= 1990 in science =

The year 1990 in science and technology involved some significant events.

==Astronomy and space exploration==
- January 24 – Japan launches the Hiten spacecraft, the first lunar probe launched by a country other than the Soviet Union or the United States.
- February 14 – The Pale Blue Dot photograph of Earth is sent back from the Voyager 1 probe after completing its primary mission, from around 3.5 billion miles away.
- April 24 – The Space Shuttle Discovery places the Hubble Space Telescope into orbit.
- August 16 – Steven Balbus makes his first discovery leading to elucidation of magnetorotational instability.
- October 13 – Earth-grazing meteoroid of 13 October 1990: A 44 kilogram, 41.5 km/s meteoroid passes above Czechoslovakia and Poland at 97.9 km. It is the first time calculations of the orbit of such a body based on photographic records from two distant places is made.

==Biology==
- The term "rewilding" is first used in print.

==Computer science==
- February – Adobe Photoshop 1.0 graphics software, devised by Thomas Knoll, is released.
- May 22 - Windows 3.0 is shipped by Microsoft
- November 12 – Tim Berners-Lee publishes a more formal proposal for the World Wide Web.
- November 13 – The first known web page is written.
- Approx. November 22 – Satoshi Tajiri begins creating the first Pokémon game.

==History of science==
- Thomas W. Laqueur publishes Making Sex: Body and Gender From the Greeks to Freud (Harvard University Press).

==Mathematics==
- Alan E. Gelfand and Adrian Smith publish a paper drawing attention to the significance of the Gibbs sampler technique for Bayesian numerical integration problems.
- Victor Kolyvagin introduces Euler systems.
- Ruth Lawrence publishes a paper on homological representations of the Hecke algebra, introducing, among other things, certain novel linear representations of the braid group, the Lawrence–Krammer representation.

==Paleontology==
- August 12 – "Sue", the best preserved Tyrannosaurus rex specimen ever found, is discovered in South Dakota by Sue Hendrickson.

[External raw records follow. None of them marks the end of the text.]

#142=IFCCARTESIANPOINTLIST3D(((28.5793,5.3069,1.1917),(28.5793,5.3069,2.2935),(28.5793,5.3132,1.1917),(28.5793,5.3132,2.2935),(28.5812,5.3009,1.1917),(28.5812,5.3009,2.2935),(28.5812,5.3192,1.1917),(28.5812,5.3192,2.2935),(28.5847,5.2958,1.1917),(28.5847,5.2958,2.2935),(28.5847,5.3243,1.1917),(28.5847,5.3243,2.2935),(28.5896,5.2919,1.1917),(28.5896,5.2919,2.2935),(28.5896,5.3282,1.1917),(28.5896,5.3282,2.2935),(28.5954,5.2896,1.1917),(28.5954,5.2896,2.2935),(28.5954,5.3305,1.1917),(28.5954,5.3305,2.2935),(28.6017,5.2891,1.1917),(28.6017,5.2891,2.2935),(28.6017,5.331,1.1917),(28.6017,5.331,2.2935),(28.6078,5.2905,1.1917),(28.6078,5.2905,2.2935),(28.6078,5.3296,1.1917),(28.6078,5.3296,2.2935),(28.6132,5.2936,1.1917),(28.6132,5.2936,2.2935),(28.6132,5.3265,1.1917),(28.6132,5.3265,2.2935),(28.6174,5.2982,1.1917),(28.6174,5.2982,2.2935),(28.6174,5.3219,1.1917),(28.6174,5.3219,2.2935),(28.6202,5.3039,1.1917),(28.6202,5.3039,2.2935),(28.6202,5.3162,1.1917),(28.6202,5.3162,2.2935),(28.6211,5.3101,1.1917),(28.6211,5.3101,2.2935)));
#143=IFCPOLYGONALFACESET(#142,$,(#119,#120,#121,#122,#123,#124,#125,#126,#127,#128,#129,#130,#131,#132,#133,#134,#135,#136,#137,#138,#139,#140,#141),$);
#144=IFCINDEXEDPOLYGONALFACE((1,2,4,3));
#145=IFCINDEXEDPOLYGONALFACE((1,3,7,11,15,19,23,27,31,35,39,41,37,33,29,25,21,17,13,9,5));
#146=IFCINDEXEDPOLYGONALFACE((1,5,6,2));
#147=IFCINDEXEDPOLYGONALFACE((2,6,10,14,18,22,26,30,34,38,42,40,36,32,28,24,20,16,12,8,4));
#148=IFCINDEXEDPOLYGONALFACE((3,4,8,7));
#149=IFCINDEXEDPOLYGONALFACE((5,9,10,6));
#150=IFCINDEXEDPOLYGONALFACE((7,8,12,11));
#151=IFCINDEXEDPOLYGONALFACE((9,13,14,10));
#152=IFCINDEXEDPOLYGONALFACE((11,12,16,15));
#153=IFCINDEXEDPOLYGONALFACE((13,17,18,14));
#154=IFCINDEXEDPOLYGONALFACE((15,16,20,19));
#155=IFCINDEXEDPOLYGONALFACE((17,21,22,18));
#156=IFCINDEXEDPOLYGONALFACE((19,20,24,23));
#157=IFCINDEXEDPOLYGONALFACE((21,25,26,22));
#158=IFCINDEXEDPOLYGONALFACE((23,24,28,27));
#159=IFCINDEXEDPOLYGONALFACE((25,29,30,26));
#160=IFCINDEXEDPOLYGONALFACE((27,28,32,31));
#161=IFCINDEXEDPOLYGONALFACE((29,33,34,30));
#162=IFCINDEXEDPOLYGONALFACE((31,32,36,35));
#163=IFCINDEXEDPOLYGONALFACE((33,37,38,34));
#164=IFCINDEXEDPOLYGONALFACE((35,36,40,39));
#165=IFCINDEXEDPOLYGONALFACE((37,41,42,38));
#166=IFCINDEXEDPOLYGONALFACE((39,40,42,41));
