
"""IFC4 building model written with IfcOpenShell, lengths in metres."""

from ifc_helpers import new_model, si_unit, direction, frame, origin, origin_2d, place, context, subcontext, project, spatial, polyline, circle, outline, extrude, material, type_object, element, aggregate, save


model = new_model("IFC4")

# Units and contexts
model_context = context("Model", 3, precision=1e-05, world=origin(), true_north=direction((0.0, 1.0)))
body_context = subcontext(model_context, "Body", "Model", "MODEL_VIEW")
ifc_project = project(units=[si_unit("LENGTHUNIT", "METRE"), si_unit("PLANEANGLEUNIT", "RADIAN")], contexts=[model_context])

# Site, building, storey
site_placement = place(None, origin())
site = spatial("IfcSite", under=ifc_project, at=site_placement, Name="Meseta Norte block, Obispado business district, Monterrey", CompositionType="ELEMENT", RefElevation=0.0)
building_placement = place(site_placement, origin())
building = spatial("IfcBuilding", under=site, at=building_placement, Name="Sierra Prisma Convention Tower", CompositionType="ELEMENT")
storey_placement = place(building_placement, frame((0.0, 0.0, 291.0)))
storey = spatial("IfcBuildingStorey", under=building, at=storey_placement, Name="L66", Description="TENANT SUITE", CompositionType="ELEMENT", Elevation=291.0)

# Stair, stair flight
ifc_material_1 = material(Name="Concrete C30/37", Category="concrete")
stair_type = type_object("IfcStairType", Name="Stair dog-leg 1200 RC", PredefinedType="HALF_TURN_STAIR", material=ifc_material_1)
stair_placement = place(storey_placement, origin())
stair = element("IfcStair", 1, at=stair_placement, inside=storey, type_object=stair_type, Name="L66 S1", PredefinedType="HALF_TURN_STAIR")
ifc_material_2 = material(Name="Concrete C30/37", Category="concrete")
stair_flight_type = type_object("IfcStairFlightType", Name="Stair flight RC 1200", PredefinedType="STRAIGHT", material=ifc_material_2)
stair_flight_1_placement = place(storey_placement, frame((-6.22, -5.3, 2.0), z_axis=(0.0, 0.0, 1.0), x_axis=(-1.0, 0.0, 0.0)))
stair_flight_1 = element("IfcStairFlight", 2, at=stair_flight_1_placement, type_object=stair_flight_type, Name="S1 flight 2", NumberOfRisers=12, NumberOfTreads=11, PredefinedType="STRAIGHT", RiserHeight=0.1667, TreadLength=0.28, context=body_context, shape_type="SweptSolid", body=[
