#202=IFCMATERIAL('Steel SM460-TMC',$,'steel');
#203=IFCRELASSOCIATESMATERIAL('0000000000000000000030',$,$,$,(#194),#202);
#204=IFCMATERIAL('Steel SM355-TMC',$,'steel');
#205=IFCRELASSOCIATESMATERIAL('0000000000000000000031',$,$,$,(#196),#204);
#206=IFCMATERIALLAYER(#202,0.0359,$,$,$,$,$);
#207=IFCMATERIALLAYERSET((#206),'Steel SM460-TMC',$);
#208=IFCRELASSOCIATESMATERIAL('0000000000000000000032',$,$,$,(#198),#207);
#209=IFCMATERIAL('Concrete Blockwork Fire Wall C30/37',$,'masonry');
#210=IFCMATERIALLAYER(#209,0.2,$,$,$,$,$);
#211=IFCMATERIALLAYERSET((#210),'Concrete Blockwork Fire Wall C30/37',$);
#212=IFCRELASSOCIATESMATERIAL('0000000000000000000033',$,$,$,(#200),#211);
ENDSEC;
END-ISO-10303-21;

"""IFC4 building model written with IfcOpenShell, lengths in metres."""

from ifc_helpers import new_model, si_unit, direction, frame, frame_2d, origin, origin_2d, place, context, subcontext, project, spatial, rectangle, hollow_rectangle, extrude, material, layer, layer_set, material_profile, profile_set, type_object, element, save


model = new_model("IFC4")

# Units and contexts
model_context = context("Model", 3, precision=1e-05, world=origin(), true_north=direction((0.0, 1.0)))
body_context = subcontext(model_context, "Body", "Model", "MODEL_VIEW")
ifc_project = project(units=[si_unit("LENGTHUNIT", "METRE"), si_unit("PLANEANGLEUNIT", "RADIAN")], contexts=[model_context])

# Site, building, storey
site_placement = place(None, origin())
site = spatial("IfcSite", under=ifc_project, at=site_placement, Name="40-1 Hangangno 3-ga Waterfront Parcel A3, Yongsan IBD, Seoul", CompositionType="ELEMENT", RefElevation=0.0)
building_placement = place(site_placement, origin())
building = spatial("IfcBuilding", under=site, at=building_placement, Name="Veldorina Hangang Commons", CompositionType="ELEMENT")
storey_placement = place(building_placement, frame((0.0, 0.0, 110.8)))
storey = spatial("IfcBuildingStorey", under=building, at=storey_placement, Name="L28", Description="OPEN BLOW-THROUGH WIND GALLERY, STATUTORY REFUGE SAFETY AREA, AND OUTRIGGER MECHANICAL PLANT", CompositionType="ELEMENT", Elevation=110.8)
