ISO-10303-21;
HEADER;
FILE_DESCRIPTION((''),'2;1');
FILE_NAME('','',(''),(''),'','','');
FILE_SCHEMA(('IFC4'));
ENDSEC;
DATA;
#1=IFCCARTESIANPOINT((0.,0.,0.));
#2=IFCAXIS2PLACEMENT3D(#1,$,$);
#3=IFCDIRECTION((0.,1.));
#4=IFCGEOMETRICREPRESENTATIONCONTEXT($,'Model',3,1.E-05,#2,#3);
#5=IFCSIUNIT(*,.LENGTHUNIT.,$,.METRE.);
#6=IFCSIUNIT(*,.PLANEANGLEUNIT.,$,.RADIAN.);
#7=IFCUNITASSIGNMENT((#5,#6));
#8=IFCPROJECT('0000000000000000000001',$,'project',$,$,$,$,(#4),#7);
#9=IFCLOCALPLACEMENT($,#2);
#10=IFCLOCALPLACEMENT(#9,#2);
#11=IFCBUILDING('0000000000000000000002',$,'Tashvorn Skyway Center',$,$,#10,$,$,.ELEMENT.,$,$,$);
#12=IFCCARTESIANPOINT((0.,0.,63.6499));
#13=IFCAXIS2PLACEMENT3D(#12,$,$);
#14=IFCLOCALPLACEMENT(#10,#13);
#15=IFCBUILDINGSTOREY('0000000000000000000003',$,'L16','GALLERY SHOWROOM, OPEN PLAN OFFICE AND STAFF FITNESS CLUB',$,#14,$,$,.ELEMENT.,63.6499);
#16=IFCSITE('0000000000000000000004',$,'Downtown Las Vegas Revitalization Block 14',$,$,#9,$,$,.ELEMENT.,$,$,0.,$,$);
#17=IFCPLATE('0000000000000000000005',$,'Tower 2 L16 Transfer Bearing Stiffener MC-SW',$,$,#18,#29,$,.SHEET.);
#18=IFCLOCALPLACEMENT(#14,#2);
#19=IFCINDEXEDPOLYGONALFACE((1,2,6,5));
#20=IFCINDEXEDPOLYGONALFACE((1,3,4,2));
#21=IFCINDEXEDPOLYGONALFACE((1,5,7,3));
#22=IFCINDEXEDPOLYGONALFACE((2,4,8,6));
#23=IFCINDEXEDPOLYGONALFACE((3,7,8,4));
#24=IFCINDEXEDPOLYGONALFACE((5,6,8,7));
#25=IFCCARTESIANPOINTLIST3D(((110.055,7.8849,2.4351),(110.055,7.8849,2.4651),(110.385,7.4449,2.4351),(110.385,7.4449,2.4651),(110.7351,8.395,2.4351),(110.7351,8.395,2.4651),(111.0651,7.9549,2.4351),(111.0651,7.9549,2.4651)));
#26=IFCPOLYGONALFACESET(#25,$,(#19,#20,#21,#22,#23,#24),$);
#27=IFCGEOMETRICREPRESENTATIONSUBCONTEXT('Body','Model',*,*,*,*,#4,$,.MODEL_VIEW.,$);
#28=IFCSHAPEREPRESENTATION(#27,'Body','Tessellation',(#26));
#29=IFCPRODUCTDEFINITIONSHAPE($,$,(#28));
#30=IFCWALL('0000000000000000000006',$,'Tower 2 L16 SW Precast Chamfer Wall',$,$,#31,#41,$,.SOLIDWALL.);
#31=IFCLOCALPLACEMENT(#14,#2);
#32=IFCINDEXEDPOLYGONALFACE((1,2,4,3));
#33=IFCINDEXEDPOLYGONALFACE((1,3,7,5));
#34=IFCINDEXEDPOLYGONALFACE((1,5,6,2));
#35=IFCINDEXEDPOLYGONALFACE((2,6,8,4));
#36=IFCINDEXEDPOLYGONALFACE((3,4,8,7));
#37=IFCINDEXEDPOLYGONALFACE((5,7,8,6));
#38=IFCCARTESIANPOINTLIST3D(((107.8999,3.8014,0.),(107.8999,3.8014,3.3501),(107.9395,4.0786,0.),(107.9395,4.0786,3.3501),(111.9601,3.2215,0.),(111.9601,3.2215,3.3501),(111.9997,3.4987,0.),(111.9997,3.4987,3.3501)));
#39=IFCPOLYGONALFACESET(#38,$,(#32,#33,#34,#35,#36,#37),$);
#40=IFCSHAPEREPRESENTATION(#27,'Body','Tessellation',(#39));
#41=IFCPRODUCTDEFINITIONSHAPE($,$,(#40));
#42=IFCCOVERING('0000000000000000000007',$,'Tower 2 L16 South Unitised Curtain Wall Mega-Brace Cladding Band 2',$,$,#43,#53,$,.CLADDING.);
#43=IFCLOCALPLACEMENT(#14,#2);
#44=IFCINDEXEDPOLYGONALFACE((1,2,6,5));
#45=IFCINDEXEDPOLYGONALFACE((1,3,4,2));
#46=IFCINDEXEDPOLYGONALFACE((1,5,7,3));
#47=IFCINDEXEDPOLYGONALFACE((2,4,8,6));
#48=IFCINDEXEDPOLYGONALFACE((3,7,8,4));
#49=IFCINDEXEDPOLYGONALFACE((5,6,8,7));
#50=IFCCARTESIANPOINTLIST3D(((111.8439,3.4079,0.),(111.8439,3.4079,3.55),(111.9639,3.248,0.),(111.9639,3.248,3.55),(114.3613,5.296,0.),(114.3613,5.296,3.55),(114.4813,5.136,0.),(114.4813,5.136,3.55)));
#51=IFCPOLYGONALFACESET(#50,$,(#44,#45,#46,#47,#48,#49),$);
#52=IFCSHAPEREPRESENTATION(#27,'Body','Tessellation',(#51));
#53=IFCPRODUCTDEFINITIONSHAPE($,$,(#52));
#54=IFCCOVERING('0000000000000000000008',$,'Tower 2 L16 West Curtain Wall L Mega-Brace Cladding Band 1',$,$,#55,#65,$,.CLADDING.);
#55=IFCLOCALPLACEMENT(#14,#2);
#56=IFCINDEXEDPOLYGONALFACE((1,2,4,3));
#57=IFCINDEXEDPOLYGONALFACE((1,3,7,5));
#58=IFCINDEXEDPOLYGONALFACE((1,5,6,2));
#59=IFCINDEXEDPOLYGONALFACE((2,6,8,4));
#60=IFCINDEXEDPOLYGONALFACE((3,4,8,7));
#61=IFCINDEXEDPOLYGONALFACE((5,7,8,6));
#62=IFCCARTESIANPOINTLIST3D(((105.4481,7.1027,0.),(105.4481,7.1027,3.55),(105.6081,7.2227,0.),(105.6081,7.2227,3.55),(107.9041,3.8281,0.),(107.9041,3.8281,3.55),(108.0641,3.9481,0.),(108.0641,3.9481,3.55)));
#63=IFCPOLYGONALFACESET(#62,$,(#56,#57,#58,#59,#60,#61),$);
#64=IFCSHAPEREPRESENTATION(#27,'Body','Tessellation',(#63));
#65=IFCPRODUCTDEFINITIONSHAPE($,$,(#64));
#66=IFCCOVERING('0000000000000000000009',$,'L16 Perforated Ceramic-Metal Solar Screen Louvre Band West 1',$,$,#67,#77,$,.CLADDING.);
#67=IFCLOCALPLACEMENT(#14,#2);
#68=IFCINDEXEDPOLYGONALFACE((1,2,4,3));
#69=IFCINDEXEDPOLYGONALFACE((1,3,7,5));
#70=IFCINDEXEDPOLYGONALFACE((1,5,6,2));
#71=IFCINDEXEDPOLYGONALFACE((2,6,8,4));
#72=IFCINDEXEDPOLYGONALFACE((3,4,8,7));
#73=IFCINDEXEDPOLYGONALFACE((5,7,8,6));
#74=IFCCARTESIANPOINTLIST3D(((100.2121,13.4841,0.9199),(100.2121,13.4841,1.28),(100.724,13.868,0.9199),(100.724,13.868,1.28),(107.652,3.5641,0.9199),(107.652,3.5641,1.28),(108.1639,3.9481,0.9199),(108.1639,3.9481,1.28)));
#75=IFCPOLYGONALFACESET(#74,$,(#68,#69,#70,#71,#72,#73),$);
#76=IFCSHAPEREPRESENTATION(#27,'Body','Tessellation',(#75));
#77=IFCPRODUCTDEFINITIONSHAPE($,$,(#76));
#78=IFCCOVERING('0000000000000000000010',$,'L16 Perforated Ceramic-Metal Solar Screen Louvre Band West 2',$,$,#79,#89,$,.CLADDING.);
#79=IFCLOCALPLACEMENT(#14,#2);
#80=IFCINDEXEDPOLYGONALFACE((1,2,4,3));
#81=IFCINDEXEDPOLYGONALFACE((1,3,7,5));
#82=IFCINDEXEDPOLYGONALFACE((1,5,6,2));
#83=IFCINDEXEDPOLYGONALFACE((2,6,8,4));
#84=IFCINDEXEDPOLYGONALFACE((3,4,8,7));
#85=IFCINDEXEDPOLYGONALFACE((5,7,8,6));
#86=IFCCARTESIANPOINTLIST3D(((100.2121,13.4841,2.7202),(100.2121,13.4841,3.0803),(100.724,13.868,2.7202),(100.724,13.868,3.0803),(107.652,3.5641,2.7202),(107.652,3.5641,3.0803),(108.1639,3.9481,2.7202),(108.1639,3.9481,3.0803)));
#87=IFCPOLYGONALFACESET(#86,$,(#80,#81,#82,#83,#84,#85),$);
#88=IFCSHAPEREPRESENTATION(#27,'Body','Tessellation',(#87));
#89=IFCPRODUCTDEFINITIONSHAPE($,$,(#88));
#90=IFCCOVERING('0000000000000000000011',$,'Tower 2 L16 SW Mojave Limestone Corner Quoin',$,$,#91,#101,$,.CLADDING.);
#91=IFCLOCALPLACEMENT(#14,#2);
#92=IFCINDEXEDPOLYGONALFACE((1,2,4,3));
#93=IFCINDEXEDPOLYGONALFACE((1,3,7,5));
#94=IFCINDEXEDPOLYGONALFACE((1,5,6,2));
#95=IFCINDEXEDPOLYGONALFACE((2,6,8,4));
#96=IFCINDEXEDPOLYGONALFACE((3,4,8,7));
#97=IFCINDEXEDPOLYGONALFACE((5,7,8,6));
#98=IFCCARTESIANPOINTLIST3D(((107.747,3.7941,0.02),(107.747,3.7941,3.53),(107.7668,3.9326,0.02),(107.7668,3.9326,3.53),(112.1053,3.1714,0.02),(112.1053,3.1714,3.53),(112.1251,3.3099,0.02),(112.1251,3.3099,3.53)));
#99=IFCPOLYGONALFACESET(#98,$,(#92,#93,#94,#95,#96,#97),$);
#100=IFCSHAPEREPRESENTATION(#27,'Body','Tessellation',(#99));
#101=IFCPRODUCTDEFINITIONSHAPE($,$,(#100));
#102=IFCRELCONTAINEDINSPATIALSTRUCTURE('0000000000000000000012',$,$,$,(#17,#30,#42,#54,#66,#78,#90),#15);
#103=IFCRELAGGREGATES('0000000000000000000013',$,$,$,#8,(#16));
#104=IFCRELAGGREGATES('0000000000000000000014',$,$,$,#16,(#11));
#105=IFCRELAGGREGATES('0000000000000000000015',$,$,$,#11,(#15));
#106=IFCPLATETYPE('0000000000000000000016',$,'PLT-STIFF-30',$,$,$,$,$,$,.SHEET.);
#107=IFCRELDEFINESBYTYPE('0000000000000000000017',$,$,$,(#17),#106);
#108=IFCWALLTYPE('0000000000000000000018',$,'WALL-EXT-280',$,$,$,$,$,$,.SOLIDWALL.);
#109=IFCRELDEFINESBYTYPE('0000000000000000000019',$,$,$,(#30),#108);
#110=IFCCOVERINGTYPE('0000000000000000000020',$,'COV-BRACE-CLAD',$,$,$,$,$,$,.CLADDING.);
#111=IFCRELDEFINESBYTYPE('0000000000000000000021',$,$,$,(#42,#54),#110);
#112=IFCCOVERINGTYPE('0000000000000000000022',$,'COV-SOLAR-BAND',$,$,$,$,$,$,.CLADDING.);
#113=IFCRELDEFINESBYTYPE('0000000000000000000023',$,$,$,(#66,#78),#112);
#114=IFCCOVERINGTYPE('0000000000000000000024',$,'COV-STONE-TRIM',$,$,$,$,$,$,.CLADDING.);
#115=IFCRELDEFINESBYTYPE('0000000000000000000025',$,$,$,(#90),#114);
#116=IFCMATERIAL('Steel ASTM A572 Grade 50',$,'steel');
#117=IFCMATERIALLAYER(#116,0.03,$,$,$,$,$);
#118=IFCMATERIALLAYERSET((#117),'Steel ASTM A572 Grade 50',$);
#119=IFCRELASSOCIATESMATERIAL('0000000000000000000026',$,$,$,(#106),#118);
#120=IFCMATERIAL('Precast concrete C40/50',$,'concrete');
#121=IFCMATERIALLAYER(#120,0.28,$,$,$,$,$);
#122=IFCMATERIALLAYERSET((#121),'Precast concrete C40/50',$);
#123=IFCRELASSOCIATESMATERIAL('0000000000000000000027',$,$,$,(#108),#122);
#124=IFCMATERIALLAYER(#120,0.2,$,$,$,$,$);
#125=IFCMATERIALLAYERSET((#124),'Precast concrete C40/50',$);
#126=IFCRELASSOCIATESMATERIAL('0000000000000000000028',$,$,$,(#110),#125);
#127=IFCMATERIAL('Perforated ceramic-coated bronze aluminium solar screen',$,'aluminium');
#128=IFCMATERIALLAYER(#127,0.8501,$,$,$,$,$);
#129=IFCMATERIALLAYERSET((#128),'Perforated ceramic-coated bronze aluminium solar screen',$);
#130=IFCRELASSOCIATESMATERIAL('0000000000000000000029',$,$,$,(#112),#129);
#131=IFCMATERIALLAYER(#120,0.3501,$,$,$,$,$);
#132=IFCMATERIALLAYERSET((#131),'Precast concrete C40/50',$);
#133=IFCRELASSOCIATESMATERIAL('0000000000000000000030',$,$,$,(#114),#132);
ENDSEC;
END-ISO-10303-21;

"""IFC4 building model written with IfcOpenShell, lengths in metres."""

from ifc_helpers import new_model, si_unit, direction, frame, frame_2d, origin, origin_2d, place, context, subcontext, project, spatial, rectangle, extrude, material, layer, layer_set, type_object, element, save


model = new_model("IFC4")

# Units and contexts
model_context = context("Model", 3, precision=1e-05, world=origin(), true_north=direction((0.0, 1.0)))
body_context = subcontext(model_context, "Body", "Model", "MODEL_VIEW")
ifc_project = project(units=[si_unit("LENGTHUNIT", "METRE"), si_unit("PLANEANGLEUNIT", "RADIAN")], contexts=[model_context])

# Site, building, storey
site_placement = place(None, origin())
site = spatial("IfcSite", under=ifc_project, at=site_placement, Name="Downtown Las Vegas Revitalization Block 14", CompositionType="ELEMENT", RefElevation=0.0)
building_placement = place(site_placement, origin())
building = spatial("IfcBuilding", under=site, at=building_placement, Name="Tashvorn Skyway Center", CompositionType="ELEMENT")
storey_placement = place(building_placement, frame((0.0, 0.0, 63.6499)))
storey = spatial("IfcBuildingStorey", under=building, at=storey_placement, Name="L16", Description="GALLERY SHOWROOM, OPEN PLAN OFFICE AND STAFF FITNESS CLUB", CompositionType="ELEMENT", Elevation=63.6499)

# Shared definitions
ifc_material_1 = material(Name="Steel ASTM A572 Grade 50", Category="steel")

# Plate
ifc_layer_1 = layer(ifc_material_1, 0.03)
ifc_layer_set_1 = layer_set([ifc_layer_1], Name="Steel ASTM A572 Grade 50")
plate_type_1 = type_object("IfcPlateType", Name="PLT-STIFF-30", PredefinedType="SHEET", material=ifc_layer_set_1)
plate_1_placement = place(storey_placement, frame((110.5601, 7.9199, 2.4351), z_axis=(0.0, 0.0, 1.0), x_axis=(0.8, 0.6, 0.0)))
element("IfcPlate", 1, at=plate_1_placement, inside=storey, type_object=plate_type_1, Name="Tower 2 L16 Transfer Bearing Stiffener MC-SW", PredefinedType="SHEET", context=body_context, shape_type="SweptSolid", body=[
    extrude(rectangle(XDim=0.8501, YDim=0.55, at=origin_2d()), origin(), (0.0, 0.0, 1.0), 0.03),
])

# Wall
ifc_material_2 = material(Name="Precast concrete C40/50", Category="concrete")
ifc_layer_2 = layer(ifc_material_2, 0.28)
ifc_layer_set_2 = layer_set([ifc_layer_2], Name="Precast concrete C40/50")
wall_type = type_object("IfcWallType", Name="WALL-EXT-280", PredefinedType="SOLIDWALL", material=ifc_layer_set_2)
wall_placement = place(storey_placement, frame((111.98, 3.3601, 0.0), z_axis=(0.0, 0.0, 1.0), x_axis=(-0.989955, 0.14138, 0.0)))
element("IfcWall", 2, at=wall_placement, inside=storey, type_object=wall_type, Name="Tower 2 L16 SW Precast Chamfer Wall", PredefinedType="SOLIDWALL", context=body_context, shape_type="SweptSolid", body=[
    extrude(rectangle(XDim=4.1013, YDim=0.28, at=frame_2d((2.0508, 0.0))), origin(), (0.0, 0.0, 1.0), 3.3501),
])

==Physiology and medicine==
- June 25 – Cruzan v. Director, Missouri Department of Health decided in the Supreme Court of the United States allowing public officials to intervene in questions of termination of life support in the absence of an advance healthcare directive.
- The Human Genome Project is founded.
- The first evidence for the existence of the BRCA gene encoding for a DNA repair enzyme involved in breast cancer susceptibility Is provided by Mary-Claire King's laboratory at University of California, Berkeley.
- The inherited mutations of the tumor suppressor gene, p53, are identified as the underlying mechanism for Li–Fraumeni syndrome in most affected families.

==Psychology==
- Roger Shepard's Mind Sights presents the "Shepard tables" illusion.

==Awards==
- Fields Prize in Mathematics: Vladimir Drinfeld, Vaughan Frederick Randal Jones, Shigefumi Mori and Edward Witten
- Nobel Prizes
  - Physics – Jerome Isaac Friedman, Henry Way Kendall and Richard E. Taylor
  - Chemistry – Elias James Corey
  - Medicine – Joseph E. Murray and E. Donnall Thomas
- Turing Award – Fernando J. Corbató

==Births==
- September 28 – Nadim Kobeissi, Lebanese computer science researcher

==Deaths==
- January 4 – Doc Edgerton, (b. 1903), American electrical engineer.
- January 14 – Rosalind Pitt-Rivers (b. 1907), English biochemist.
- January 26 – Lewis Mumford (b. 1895), American historian and philosopher of science.
- February 19 – Edris Rice-Wray Carson (b. 1904), American-born physician, pioneer in family planning.
- March 20 – Victor Rothschild, 3rd Baron Rothschild (b. 1910), English polymath.
- March 22 – Gerald Bull (b. 1928), Canadian engineer.
- March 24 – An Wang (b. 1920), Chinese American computer designer.
- May 1 – Frits Warmolt Went (b. 1903), Dutch-born American botanist.
- May 30 – Ora Mendelsohn Rosen (b. 1935), American biomedical researcher.
- August 2 – François Perrier (b. 1922), French psychoanalyst.
- August 18 – B. F. Skinner (b. 1904), American behavioral psychologist.
- August 30 – Bernard D. H. Tellegen (b. 1900), Dutch electrical engineer.
- September 2 – John Bowlby (b. 1907), English child psychologist and pioneer of attachment theory.
- October 9 – Murray Bowen (b. 1913), American psychiatrist and pioneer of family therapy.
- October 17 – Hans Freudenthal (b. 1905), Dutch mathematician.
- November 19 – Georgy Flyorov (b. 1913), Russian physicist.
- November 25 – Bettina Warburg (b. 1900), German-born American psychiatrist.